そのお蔭で、京極寺前の田圃は水が涸れずに済んだという。

高陽親王を工芸家と呼ぶところを見ると、人形の造作担当は渡来人ではなさそう。そうなると、本朝できそうな人は、人形を操る芸人 傀儡師/久々豆しかいないので、先ず間違いなくこの人達を使っていたことになろう。
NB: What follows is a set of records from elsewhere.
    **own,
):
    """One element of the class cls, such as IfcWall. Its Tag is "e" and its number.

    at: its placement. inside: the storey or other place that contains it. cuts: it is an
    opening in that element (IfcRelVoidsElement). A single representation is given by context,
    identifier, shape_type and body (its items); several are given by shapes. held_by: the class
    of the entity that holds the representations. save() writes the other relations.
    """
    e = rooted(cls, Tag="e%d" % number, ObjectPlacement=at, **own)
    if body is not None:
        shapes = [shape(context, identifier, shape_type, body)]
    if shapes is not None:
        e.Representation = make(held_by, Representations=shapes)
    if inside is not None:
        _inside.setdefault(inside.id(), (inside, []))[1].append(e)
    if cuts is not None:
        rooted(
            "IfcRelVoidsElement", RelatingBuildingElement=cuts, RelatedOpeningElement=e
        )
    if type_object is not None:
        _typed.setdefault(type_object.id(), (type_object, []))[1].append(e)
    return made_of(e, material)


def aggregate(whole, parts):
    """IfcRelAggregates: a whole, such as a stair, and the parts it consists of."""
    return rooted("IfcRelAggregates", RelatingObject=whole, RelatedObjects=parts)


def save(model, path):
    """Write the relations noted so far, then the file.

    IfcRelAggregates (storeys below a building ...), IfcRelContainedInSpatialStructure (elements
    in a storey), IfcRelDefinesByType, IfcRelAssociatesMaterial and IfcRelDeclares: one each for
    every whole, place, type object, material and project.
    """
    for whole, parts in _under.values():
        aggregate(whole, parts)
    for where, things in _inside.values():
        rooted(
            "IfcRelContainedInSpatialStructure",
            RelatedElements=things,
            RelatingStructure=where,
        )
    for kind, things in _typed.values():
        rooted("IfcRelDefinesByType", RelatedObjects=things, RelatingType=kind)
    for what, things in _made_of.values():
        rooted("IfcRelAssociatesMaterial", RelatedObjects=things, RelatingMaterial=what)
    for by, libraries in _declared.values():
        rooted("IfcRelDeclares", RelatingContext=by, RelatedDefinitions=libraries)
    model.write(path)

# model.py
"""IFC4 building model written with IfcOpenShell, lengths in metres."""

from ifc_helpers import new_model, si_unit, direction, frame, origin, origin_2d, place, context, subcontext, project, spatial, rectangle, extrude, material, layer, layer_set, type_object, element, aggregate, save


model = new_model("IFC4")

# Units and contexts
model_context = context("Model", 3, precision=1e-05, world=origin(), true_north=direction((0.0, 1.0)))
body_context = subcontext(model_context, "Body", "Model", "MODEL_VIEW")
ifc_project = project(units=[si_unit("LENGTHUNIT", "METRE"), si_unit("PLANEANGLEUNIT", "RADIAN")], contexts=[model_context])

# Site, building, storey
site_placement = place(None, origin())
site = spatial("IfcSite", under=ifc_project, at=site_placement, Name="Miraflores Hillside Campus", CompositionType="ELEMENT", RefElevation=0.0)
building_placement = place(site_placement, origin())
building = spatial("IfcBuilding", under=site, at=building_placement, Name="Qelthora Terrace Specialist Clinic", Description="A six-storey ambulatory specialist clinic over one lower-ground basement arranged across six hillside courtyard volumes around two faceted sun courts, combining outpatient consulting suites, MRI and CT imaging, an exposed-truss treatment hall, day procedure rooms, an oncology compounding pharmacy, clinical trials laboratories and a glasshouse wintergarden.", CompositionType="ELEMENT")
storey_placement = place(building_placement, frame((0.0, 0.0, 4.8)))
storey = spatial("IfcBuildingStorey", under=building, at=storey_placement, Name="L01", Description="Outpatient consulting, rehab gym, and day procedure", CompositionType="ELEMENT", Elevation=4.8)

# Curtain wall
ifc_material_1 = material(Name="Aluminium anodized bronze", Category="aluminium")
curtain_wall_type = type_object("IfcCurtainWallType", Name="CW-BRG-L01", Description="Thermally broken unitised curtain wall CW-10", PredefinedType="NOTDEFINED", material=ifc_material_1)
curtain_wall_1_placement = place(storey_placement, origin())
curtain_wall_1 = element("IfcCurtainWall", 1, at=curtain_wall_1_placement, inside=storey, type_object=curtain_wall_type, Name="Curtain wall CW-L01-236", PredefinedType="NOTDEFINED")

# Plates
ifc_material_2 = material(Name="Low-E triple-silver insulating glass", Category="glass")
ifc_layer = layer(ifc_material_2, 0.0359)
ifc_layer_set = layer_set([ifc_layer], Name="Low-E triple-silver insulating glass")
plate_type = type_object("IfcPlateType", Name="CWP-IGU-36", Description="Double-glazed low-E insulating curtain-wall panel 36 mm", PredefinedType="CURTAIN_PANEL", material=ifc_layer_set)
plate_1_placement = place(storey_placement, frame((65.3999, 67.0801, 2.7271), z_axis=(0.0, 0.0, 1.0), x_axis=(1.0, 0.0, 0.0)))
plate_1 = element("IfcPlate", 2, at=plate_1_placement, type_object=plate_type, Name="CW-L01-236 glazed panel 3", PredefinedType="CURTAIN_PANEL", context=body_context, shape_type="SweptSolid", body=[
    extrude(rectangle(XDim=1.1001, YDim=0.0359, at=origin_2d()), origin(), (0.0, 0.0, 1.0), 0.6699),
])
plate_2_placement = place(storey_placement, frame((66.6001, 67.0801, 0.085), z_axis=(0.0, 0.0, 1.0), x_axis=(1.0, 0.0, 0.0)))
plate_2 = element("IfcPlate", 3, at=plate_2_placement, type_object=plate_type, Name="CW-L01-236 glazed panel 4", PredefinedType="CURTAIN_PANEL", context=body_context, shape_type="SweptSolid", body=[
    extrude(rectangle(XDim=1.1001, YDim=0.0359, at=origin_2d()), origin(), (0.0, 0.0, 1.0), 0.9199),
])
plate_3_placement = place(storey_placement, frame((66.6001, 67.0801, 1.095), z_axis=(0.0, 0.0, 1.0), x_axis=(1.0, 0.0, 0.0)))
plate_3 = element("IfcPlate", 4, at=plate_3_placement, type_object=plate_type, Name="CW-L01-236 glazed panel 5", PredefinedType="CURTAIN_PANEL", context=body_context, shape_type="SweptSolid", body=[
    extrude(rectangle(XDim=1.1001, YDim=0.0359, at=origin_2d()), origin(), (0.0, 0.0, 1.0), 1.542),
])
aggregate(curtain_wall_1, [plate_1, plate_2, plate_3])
傀儡の記録が増えるのは浄瑠璃が生まれた頃からだが、出自はわからぬものの、この人達の歴史は古そう。「枕草子」もそれとなく触れている位だから。
この当時は、各地の恵比寿/戎社を渡り歩いていた流浪の民だったと思われる。ただ、テント生活者ともされており、狩猟者との記述もある位で、その生活実態ははっきりしていない。
京では京極寺内に長期滞在し、芸能で食べていたと見るのが妥当なところか。
非定住者だけに、律令体制から外れた存在で、国家観など全く持ち合わせない遊び放題の歌舞伎者だろうが、高貴な層から招かれて褒美も頂戴しているから、事実上放任状態だったようだ。 [大江匡房:「傀儡子」]
高陽親王は、格別お気に入りということだろう。

彼らにとっては、絡繰り人形造りは、観客をビックリさせて話題にさせる、重要な集客手段だからその工芸技術は高かったのは間違いない。
親王は震旦渡来の各種工芸品のなかにある仕掛けモノに興味があったので、動く人形を作らせたということだと思う。

普通は、それを屋敷で来客に見せて悦に入るものだが、一般大衆へ公開するという革新的な発想を持っていたところを見ると、長安の大都会の状況をよく知る文化人だったと見てよかろう。